Utils.Scala Databricks ~ Scala 中的 Twitter 流

Utils.Scala Databricks ~ Twitter Stream in Scala

我在 IntelliJ 中工作并收到此错误:

Error:(118, 13) not found: value Utils
        Utils.parseCommandLineWithTwitterCredentials(args)
        ^

This 是试图引用的代码。

如果我将这段代码直接放入我的 main 中,错误就会解决。


这是我的 build.sbt 文件:

name := "TwtrStream"

version := "1.0"

scalaVersion := "2.10.4"

libraryDependencies += "org.apache.spark" % "spark-core_2.10" % "1.5.2"
libraryDependencies += "org.apache.spark" % "spark-streaming_2.10" % "1.5.2"
libraryDependencies += "org.apache.spark" % "spark-sql_2.10" % "1.5.2"
libraryDependencies += "org.apache.spark" % "spark-mllib_2.10" % "1.5.2"
libraryDependencies += "org.apache.spark" % "spark-streaming-twitter_2.10" % "1.5.2"
libraryDependencies += "com.google.code.gson" % "gson" % "2.3.1"
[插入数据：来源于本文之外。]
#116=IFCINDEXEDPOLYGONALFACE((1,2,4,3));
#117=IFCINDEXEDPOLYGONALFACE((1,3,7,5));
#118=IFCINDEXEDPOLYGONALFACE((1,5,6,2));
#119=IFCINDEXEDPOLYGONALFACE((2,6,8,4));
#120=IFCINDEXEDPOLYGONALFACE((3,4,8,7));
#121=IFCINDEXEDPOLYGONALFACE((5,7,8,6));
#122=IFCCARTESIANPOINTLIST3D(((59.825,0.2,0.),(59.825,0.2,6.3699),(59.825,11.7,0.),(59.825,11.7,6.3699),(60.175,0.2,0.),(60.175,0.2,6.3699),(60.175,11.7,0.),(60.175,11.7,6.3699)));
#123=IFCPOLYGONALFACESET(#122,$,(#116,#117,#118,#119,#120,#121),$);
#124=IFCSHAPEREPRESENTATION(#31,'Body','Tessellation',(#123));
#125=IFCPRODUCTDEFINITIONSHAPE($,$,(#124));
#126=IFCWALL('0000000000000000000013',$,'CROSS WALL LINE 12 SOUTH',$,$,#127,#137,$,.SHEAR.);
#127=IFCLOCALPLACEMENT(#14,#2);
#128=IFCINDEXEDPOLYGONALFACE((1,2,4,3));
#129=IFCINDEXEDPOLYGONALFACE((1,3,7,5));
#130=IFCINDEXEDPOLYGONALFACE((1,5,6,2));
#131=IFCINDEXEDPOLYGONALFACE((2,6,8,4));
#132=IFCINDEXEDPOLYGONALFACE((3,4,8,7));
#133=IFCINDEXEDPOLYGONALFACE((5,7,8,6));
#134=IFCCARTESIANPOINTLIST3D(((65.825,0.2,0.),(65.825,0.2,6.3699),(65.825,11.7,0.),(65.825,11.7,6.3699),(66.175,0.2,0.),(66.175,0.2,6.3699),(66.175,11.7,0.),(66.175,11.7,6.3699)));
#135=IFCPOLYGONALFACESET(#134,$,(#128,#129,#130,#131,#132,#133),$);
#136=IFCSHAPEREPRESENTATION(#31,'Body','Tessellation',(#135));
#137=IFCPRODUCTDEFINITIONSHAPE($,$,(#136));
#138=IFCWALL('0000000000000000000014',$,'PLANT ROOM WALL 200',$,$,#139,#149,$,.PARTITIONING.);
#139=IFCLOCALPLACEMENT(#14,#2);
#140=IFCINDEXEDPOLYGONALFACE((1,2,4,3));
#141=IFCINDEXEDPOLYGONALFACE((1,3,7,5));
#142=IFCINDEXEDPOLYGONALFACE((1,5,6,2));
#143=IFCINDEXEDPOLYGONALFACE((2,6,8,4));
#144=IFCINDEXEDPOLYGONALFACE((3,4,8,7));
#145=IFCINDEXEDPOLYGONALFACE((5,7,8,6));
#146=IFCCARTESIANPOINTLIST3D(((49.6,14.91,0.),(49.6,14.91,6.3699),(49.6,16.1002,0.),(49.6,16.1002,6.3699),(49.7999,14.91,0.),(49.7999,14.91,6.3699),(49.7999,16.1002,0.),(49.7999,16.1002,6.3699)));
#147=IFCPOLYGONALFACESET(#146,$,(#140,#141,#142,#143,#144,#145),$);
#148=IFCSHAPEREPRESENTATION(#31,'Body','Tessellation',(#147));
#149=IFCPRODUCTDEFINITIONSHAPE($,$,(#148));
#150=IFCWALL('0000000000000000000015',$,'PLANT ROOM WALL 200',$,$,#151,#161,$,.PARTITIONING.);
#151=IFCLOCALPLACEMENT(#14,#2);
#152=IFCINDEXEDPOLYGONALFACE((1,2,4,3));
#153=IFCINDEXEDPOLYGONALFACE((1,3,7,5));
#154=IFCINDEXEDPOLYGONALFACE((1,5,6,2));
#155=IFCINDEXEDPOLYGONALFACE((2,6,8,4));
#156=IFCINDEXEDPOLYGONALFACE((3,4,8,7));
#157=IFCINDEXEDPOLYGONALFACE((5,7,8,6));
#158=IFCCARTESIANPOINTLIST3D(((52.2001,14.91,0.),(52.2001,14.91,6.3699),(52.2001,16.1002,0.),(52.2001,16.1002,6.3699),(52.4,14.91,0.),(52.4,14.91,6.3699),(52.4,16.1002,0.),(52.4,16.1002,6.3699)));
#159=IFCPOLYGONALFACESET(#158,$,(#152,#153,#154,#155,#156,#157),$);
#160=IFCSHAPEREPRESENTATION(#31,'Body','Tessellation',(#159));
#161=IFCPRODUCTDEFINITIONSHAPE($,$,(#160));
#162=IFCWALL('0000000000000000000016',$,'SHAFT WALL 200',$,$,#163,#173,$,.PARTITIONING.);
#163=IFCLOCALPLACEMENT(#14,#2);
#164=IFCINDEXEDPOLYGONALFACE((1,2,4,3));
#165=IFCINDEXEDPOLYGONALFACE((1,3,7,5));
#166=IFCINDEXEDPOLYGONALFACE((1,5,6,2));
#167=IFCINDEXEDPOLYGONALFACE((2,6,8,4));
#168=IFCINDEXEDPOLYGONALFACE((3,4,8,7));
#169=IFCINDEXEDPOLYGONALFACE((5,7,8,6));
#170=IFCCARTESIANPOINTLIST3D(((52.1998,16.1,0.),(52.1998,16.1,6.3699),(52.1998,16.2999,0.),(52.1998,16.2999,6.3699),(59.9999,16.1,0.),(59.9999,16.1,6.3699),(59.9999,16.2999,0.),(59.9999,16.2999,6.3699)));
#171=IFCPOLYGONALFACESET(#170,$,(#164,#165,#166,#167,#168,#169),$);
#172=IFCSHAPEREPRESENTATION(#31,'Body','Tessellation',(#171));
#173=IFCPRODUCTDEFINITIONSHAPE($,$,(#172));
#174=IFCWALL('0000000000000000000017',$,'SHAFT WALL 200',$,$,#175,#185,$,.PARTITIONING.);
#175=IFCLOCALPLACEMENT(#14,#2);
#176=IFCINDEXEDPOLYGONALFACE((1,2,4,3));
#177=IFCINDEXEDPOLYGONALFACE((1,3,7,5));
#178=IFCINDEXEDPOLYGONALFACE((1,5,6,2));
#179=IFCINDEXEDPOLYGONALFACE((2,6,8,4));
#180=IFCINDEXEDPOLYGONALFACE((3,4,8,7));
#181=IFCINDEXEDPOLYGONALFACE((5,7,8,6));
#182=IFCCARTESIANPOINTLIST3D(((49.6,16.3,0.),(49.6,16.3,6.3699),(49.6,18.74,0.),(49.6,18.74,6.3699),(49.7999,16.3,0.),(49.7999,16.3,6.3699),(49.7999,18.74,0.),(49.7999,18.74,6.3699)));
这是我收到错误的代码:Utils.IntParam 没有解决

object Collect {
    private var numTweetsCollected = 0L
    private var partNum = 0
    private var gson = new Gson()

    def main(args: Array[String]) {
      // Process program arguments and set properties
      if (args.length < 3) {
        System.err.println("Usage: " + this.getClass.getSimpleName +
          "<outputDirectory> <numTweetsToCollect> <intervalInSeconds> <partitionsEachInterval>")
        System.exit(1)
      }
      val Array(outputDirectory, Utils.IntParam(numTweetsToCollect),  Utils.IntParam(intervalSecs), Utils.IntParam(partitionsEachInterval)) =
        Utils.parseCommandLineWithTwitterCredentials(args)
      /*
      https://github.com/databricks/reference-apps/blob/master/twitter_classifier/scala/src/main/scala/com/databricks/apps/twitter_classifier/Utils.scala
       */
      val outputDir = new File(outputDirectory.toString)
      if (outputDir.exists()) {
        System.err.println("ERROR - %s already exists: delete or specify another directory".format(
          outputDirectory))
        System.exit(1)
      }
      outputDir.mkdirs()

      println("Initializing Streaming Spark Context...")
      val conf = new SparkConf().setAppName(this.getClass.getSimpleName)
      val sc = new SparkContext(conf)
      val ssc = new StreamingContext(sc, Seconds(intervalSecs))

      val tweetStream = TwitterUtils.createStream(ssc, Utils.getAuth)
        .map(gson.toJson(_))

      tweetStream.foreachRDD((rdd, time) => {
        val count = rdd.count()
        if (count > 0) {
          val outputRDD = rdd.repartition(partitionsEachInterval)
          outputRDD.saveAsTextFile(outputDirectory + "/tweets_" + time.milliseconds.toString)
          numTweetsCollected += count
          if (numTweetsCollected > numTweetsToCollect) {
            System.exit(0)
          }
        }
      })
    }
  }

实际上,问题是您正在尝试访问一个 class,它不在您的项目中,也不在您的依赖项列表中的任何库中。

因此您需要将 class 添加到您的项目或创建一个类似的项目。

your.package
|_ Collect.scala
|_ Utils.scala

现在您可以在您的 Collect 对象代码中使用它了。